Additional benefit of NK alloreactive donors with concomitant activating KIRs

The effects of donor KIR gene diversity were recently investigated in a series of T cell–depleted haploidentical transplants.22 Approximately 25% of whites are homozygous for group A KIR haplotypes that contain the main inhibitory KIR genes. The others are either heterozygous or homozygous for group B KIR haplotypes that also carry various combinations of activating KIR genes (KIR2DS1, 2, 3, 5, and 3DS1).27 It is well established that KIR2DS1 binds HLA-C group 2 molecules with less affinity compared with its inhibitory counterpart KIR2DL1.41 Little is known about the ligands of other activating KIRs. Interestingly, several studies reported associations between activating KIR genes and the outcome of viral infections.42 HIV-infected individuals who were homozygous for KIR3DS1 and expressed the HLA-Bw480I allele progressed slowly to AIDS.43 The presence of activating KIR genes was associated with less cytomegalovirus reactivation after solid organ and HLA-identical hematopoietic transplantation.44-47 Finally, expansion of NK cells expressing activating KIRs was documented in cytomegalovirus-seropositive individuals.48 Haploidentical transplantation from NK alloreactive donors with concomitant KIR2DS1 and/or KIR3DS1 activating genes was associated with reduced incidence of infectious mortality and improved survival.22 Apparently, when KIR–ligand mismatches release NK cells from recipient HLA blockade, activating KIRs are allowed to enhance NK-cell functions on binding to their ligands on recipient cells.
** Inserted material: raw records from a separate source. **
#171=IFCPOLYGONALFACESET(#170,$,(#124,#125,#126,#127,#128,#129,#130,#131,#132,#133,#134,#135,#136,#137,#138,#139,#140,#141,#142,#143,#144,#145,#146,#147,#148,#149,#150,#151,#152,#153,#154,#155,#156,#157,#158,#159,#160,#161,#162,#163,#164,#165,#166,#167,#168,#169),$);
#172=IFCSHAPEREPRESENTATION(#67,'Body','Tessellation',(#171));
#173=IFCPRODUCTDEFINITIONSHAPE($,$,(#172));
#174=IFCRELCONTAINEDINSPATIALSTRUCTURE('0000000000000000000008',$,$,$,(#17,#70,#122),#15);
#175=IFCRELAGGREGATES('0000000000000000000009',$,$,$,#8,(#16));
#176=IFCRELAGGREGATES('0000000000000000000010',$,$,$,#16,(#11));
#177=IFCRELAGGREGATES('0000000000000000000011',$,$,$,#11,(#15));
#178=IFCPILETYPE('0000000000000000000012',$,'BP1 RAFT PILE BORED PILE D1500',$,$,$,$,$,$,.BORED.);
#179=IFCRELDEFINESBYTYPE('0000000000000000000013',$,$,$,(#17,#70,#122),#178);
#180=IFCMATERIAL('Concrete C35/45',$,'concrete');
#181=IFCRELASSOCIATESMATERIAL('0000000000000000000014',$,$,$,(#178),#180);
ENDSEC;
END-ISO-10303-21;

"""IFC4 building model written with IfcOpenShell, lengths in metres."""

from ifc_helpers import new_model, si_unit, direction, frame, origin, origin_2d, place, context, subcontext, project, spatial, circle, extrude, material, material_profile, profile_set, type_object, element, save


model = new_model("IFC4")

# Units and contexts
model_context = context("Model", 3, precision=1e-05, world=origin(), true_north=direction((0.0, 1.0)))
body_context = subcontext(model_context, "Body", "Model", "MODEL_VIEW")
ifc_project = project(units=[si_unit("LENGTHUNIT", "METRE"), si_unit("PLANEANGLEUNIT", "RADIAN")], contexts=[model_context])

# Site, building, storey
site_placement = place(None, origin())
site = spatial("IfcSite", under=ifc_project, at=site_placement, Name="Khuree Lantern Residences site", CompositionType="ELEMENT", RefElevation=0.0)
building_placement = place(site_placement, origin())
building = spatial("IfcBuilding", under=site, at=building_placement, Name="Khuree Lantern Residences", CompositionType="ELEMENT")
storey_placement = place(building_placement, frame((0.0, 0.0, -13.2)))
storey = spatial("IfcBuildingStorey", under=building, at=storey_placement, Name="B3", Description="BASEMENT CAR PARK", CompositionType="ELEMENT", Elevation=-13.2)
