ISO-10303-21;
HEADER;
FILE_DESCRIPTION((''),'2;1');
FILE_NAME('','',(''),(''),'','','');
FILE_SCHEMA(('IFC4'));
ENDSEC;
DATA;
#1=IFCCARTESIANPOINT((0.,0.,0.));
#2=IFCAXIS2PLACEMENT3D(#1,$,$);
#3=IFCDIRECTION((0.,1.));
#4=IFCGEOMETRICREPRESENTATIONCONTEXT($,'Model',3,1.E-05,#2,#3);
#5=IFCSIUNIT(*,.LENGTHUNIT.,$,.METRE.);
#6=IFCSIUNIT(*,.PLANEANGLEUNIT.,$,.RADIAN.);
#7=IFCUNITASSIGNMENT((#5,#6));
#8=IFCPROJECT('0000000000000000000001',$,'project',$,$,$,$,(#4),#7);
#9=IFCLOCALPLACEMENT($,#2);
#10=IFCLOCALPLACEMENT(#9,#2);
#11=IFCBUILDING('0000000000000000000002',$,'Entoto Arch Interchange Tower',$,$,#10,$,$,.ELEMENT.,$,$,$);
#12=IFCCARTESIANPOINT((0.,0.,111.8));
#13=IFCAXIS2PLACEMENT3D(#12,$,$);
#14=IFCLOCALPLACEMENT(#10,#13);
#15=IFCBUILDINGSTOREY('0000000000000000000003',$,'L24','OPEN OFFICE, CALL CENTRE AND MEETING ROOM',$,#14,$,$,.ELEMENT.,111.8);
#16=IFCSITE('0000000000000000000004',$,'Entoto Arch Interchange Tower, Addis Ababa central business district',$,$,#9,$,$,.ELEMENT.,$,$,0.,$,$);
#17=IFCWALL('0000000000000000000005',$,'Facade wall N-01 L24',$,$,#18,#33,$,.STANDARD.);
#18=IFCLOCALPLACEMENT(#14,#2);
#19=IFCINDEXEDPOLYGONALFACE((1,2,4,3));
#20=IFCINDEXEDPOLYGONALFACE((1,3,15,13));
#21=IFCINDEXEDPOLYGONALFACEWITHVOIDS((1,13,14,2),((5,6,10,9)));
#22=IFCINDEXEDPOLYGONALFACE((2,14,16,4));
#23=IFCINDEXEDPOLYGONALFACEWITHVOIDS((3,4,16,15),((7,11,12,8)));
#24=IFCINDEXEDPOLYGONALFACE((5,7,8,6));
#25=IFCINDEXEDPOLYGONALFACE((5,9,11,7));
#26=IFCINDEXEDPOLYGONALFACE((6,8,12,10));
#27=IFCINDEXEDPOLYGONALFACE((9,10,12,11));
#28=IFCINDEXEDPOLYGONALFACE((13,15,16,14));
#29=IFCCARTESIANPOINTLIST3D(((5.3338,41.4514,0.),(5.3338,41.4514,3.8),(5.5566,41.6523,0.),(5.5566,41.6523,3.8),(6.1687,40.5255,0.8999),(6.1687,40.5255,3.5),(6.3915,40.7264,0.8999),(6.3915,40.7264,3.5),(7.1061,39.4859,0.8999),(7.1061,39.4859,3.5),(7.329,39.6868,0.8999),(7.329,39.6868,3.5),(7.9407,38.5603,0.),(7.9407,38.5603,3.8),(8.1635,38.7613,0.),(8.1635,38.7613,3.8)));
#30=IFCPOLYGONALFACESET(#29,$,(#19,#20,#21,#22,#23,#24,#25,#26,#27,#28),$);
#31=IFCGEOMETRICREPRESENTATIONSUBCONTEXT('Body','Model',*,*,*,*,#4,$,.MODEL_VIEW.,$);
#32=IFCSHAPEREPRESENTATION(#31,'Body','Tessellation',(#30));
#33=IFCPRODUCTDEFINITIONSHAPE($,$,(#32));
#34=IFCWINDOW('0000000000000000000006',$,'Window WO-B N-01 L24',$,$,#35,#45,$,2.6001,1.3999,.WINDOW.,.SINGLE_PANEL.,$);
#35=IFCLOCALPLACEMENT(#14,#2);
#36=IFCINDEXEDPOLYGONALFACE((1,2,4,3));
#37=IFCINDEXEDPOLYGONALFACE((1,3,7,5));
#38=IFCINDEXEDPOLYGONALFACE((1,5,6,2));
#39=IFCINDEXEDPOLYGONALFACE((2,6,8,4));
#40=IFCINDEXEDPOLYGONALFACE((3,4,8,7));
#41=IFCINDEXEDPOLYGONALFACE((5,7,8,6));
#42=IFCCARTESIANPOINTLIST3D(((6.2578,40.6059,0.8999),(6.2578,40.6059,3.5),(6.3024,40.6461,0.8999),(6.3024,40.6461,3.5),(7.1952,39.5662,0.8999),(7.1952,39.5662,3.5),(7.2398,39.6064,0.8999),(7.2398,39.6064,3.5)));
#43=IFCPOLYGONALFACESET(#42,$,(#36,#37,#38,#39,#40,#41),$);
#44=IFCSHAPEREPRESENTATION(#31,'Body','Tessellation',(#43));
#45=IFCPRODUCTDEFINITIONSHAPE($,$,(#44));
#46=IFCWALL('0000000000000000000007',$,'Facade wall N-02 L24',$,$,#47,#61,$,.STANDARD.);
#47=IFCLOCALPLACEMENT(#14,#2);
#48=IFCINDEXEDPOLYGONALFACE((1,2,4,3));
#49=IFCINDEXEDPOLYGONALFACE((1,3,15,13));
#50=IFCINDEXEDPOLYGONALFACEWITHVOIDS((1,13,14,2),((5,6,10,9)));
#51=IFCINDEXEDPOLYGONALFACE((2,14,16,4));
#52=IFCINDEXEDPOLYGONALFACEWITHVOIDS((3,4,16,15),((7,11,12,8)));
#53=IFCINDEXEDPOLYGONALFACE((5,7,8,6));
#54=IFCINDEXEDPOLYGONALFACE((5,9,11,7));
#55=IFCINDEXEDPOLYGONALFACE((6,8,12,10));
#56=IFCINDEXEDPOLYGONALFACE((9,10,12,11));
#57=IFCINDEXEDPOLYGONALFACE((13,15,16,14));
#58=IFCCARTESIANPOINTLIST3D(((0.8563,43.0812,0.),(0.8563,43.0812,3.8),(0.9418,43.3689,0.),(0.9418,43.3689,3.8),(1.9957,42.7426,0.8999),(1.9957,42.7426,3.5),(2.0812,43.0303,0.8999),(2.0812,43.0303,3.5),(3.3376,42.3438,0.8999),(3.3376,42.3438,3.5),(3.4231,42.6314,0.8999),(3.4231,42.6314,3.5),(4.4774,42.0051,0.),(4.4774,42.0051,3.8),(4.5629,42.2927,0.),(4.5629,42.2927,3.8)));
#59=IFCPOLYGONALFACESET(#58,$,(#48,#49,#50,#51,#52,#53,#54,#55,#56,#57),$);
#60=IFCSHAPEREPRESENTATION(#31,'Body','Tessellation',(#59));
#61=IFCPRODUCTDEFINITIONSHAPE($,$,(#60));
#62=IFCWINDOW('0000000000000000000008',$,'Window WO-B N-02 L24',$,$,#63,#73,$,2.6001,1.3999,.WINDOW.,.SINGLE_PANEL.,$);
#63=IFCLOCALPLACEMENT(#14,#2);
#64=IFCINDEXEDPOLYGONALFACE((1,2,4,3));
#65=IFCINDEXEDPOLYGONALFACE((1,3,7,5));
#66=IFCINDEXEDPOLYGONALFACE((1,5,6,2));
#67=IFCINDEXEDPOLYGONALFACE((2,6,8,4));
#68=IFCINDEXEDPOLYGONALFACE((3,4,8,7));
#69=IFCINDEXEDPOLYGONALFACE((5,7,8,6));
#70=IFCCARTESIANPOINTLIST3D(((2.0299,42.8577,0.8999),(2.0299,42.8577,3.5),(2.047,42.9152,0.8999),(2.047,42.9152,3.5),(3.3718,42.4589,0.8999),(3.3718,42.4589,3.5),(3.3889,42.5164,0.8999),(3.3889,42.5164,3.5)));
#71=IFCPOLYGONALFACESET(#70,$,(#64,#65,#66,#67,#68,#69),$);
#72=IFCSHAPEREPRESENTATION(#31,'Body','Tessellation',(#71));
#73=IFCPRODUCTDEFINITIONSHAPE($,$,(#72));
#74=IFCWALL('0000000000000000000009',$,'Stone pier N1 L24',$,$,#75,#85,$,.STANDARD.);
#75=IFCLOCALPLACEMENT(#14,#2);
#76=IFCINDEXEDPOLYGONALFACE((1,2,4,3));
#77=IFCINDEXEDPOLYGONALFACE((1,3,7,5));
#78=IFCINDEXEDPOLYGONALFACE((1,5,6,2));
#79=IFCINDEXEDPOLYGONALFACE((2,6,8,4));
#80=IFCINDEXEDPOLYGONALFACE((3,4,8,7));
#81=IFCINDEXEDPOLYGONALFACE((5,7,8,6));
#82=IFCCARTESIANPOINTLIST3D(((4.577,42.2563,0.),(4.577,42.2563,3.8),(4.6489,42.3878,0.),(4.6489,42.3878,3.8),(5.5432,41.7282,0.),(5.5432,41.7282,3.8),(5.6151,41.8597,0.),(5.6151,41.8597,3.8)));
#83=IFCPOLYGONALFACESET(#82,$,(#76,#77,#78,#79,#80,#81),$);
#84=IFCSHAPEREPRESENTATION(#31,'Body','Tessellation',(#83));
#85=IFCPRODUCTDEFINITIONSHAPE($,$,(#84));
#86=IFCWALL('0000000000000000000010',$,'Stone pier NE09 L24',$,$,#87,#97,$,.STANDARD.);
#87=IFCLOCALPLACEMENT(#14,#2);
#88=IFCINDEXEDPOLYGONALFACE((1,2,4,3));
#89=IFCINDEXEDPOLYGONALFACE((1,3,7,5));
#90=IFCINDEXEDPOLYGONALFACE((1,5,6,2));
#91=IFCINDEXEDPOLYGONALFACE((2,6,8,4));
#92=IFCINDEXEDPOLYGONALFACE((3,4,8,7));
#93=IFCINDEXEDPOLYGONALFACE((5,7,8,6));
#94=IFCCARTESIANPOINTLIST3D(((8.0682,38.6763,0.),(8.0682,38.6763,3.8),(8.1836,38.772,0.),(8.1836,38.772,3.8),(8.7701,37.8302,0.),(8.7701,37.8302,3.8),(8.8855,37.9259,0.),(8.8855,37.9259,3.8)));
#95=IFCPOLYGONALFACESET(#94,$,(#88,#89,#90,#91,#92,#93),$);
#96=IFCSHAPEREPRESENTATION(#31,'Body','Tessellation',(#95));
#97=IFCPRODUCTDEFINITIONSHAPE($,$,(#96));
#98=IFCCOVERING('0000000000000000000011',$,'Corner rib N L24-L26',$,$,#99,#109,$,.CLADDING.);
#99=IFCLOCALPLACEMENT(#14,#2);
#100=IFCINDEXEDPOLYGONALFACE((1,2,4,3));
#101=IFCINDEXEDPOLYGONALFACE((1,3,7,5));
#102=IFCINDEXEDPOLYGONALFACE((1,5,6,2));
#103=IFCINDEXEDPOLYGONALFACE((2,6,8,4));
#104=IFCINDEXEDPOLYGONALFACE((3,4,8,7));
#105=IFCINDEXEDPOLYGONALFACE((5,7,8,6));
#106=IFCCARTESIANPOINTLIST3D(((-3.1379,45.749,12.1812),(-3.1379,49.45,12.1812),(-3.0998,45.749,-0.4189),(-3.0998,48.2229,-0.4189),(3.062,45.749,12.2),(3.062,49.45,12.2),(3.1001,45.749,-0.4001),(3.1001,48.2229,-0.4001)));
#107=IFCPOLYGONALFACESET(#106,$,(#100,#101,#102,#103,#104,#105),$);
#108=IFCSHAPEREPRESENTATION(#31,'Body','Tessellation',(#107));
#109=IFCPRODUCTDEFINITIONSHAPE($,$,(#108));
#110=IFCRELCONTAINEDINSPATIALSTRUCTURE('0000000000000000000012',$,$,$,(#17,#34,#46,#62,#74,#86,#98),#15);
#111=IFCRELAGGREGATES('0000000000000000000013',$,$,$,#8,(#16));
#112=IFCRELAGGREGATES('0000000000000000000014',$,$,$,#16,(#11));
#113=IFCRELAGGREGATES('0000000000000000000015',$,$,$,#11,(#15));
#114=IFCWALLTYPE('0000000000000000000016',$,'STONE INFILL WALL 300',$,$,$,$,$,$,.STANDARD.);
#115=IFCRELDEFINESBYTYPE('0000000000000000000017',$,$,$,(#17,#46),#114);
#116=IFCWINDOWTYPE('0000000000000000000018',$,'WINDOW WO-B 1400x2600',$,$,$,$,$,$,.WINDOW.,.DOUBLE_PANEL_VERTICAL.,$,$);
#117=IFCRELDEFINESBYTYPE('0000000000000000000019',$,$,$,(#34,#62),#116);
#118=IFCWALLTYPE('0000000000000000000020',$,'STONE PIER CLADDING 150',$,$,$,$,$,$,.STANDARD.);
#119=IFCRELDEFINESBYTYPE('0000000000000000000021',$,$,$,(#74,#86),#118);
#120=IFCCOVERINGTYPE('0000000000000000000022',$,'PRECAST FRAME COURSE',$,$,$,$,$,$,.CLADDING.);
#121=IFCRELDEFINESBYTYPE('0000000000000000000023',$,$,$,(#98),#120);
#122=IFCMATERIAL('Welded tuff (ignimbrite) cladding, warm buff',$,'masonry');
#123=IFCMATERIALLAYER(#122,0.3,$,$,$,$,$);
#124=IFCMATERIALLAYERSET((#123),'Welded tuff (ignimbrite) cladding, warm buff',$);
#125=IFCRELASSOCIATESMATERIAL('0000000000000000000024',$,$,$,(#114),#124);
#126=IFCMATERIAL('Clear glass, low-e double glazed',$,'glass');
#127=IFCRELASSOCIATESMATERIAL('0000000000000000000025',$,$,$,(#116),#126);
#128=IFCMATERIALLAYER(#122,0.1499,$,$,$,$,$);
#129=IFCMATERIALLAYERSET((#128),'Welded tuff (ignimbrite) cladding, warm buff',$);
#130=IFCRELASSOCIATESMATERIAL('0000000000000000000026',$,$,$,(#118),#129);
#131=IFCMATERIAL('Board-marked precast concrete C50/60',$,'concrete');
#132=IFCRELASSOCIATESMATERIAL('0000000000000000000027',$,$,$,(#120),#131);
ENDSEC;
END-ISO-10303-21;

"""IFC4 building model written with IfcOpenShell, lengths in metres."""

from ifc_helpers import new_model, si_unit, direction, frame, frame_2d, origin, place, context, subcontext, project, spatial, polyline, rectangle, outline, extrude, material, layer, layer_set, type_object, element, fill, save


model = new_model("IFC4")

# Units and contexts
model_context = context("Model", 3, precision=1e-05, world=origin(), true_north=direction((0.0, 1.0)))
body_context = subcontext(model_context, "Body", "Model", "MODEL_VIEW")
ifc_project = project(units=[si_unit("LENGTHUNIT", "METRE"), si_unit("PLANEANGLEUNIT", "RADIAN")], contexts=[model_context])

# Site, building, storey
site_placement = place(None, origin())
site = spatial("IfcSite", under=ifc_project, at=site_placement, Name="Entoto Arch Interchange Tower, Addis Ababa central business district", CompositionType="ELEMENT", RefElevation=0.0)
building_placement = place(site_placement, origin())
building = spatial("IfcBuilding", under=site, at=building_placement, Name="Entoto Arch Interchange Tower", CompositionType="ELEMENT")
storey_placement = place(building_placement, frame((0.0, 0.0, 111.8)))
storey = spatial("IfcBuildingStorey", under=building, at=storey_placement, Name="L24", Description="OPEN OFFICE, CALL CENTRE AND MEETING ROOM", CompositionType="ELEMENT", Elevation=111.8)

# Shared definitions
ifc_material_1 = material(Name="Welded tuff (ignimbrite) cladding, warm buff", Category="masonry")
ifc_layer_1 = layer(ifc_material_1, 0.3)
ifc_layer_set_1 = layer_set([ifc_layer_1], Name="Welded tuff (ignimbrite) cladding, warm buff")
wall_type_1 = type_object("IfcWallType", Name="STONE INFILL WALL 300", PredefinedType="STANDARD", material=ifc_layer_set_1)
ifc_material_2 = material(Name="Clear glass, low-e double glazed", Category="glass")

# Walls, openings, windows
wall_1_placement = place(storey_placement, frame((8.052, 38.6609, 0.0), z_axis=(0.0, 0.0, 1.0), x_axis=(-0.669664, 0.742664, 0.0)))
wall_1 = element("IfcWall", 1, at=wall_1_placement, inside=storey, type_object=wall_type_1, Name="Facade wall N-01 L24", PredefinedType="STANDARD", context=body_context, shape_type="SweptSolid", body=[
    extrude(rectangle(XDim=3.8928, YDim=0.3, at=frame_2d((1.9463, 0.0))), origin(), (0.0, 0.0, 1.0), 3.8),
])
opening_1_placement = place(wall_1_placement, frame((1.2461, 0.0, 0.8999)))
opening_1 = element("IfcOpeningElement", 2, at=opening_1_placement, cuts=wall_1, PredefinedType="OPENING", context=body_context, shape_type="SweptSolid", body=[
    extrude(rectangle(XDim=1.3999, YDim=2.6001, at=frame_2d((0.7, 1.3))), frame((0.0, 0.1602, 0.0), z_axis=(0.0, -1.0, 0.0), x_axis=(1.0, 0.0, 0.0)), (0.0, 0.0, 1.0), 0.3201),
])
window_type_1 = type_object("IfcWindowType", Name="WINDOW WO-B 1400x2600", PartitioningType="DOUBLE_PANEL_VERTICAL", PredefinedType="WINDOW", material=ifc_material_2)
window_1_placement = place(opening_1_placement, origin())
window_1 = element("IfcWindow", 3, at=window_1_placement, inside=storey, type_object=window_type_1, Name="Window WO-B N-01 L24", OverallHeight=2.6001, OverallWidth=1.3999, PartitioningType="SINGLE_PANEL", PredefinedType="WINDOW", context=body_context, shape_type="SweptSolid", body=[
    extrude(rectangle(XDim=1.3999, YDim=2.6001, at=frame_2d((0.7, 1.3))), frame((0.0, 0.03, 0.0), z_axis=(0.0, -1.0, 0.0), x_axis=(1.0, 0.0, 0.0)), (0.0, 0.0, 1.0), 0.0601),
])
fill(opening_1, window_1)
Indeed, in vitro analyses showed that KIR2DS1 binding to its HLA-C group 2 ligand upregulated interferon γ production by alloreactive NK cells in response to infectious challenge.22

Improving outcomes using the mother as donor

The donor–recipient relationship is another key factor that influences outcomes of T cell–depleted haploidentical transplantation.49,50 Trans-placental trafficking of maternal and fetal cells during pregnancy establishes long-term, reciprocal micro-chimerism in both mother and child.51 As a consequence, the immune system of the mother may become sensitized to paternal histocompatibility antigens. In fact, antibodies directed against paternal HLA antigens and T lymphocytes directed against paternal major and minor histocompatibility antigens were detected in multiparous women.52-54 It was hypothesized that mother’s “exposure” to paternal HLA haplotype antigens during pregnancy may affect transplantation outcomes when the mother acts as donor for the child. Indeed, survival after T cell–depleted haploidentical hematopoietic transplantation was improved using the mother as donor (vs all other family members).49 More recently, a retrospective European Bone Marrow Transplantation registry–based study in 438 haploidentical transplants (78% of patients received T cell–depleted grafts, 22% received unmanipulated grafts) for acute leukemia patients (pediatric and adult) showed that transplantation from mother donors, compared with transplantation from any other family member, is an independent factor predicting lower relapse, lower NRM, and better survival.50 One may hypothesize that T-cell depletion removed enough T cells to prevent GVHD but allowed transfer of sufficient numbers of tolerant/educated T cells that protected the child from relapse and infections. Whether and how such a tolerant/educated T-cell repertoire is generated is under investigation. Thus, NK alloreactive donors (preferentially those with activating KIRs) and/or mother donors should be preferred when selecting a donor for T cell–depleted haploidentical transplantation.18-22,49,50,55 Studies are needed to establish a hierarchy among such donor selection criteria.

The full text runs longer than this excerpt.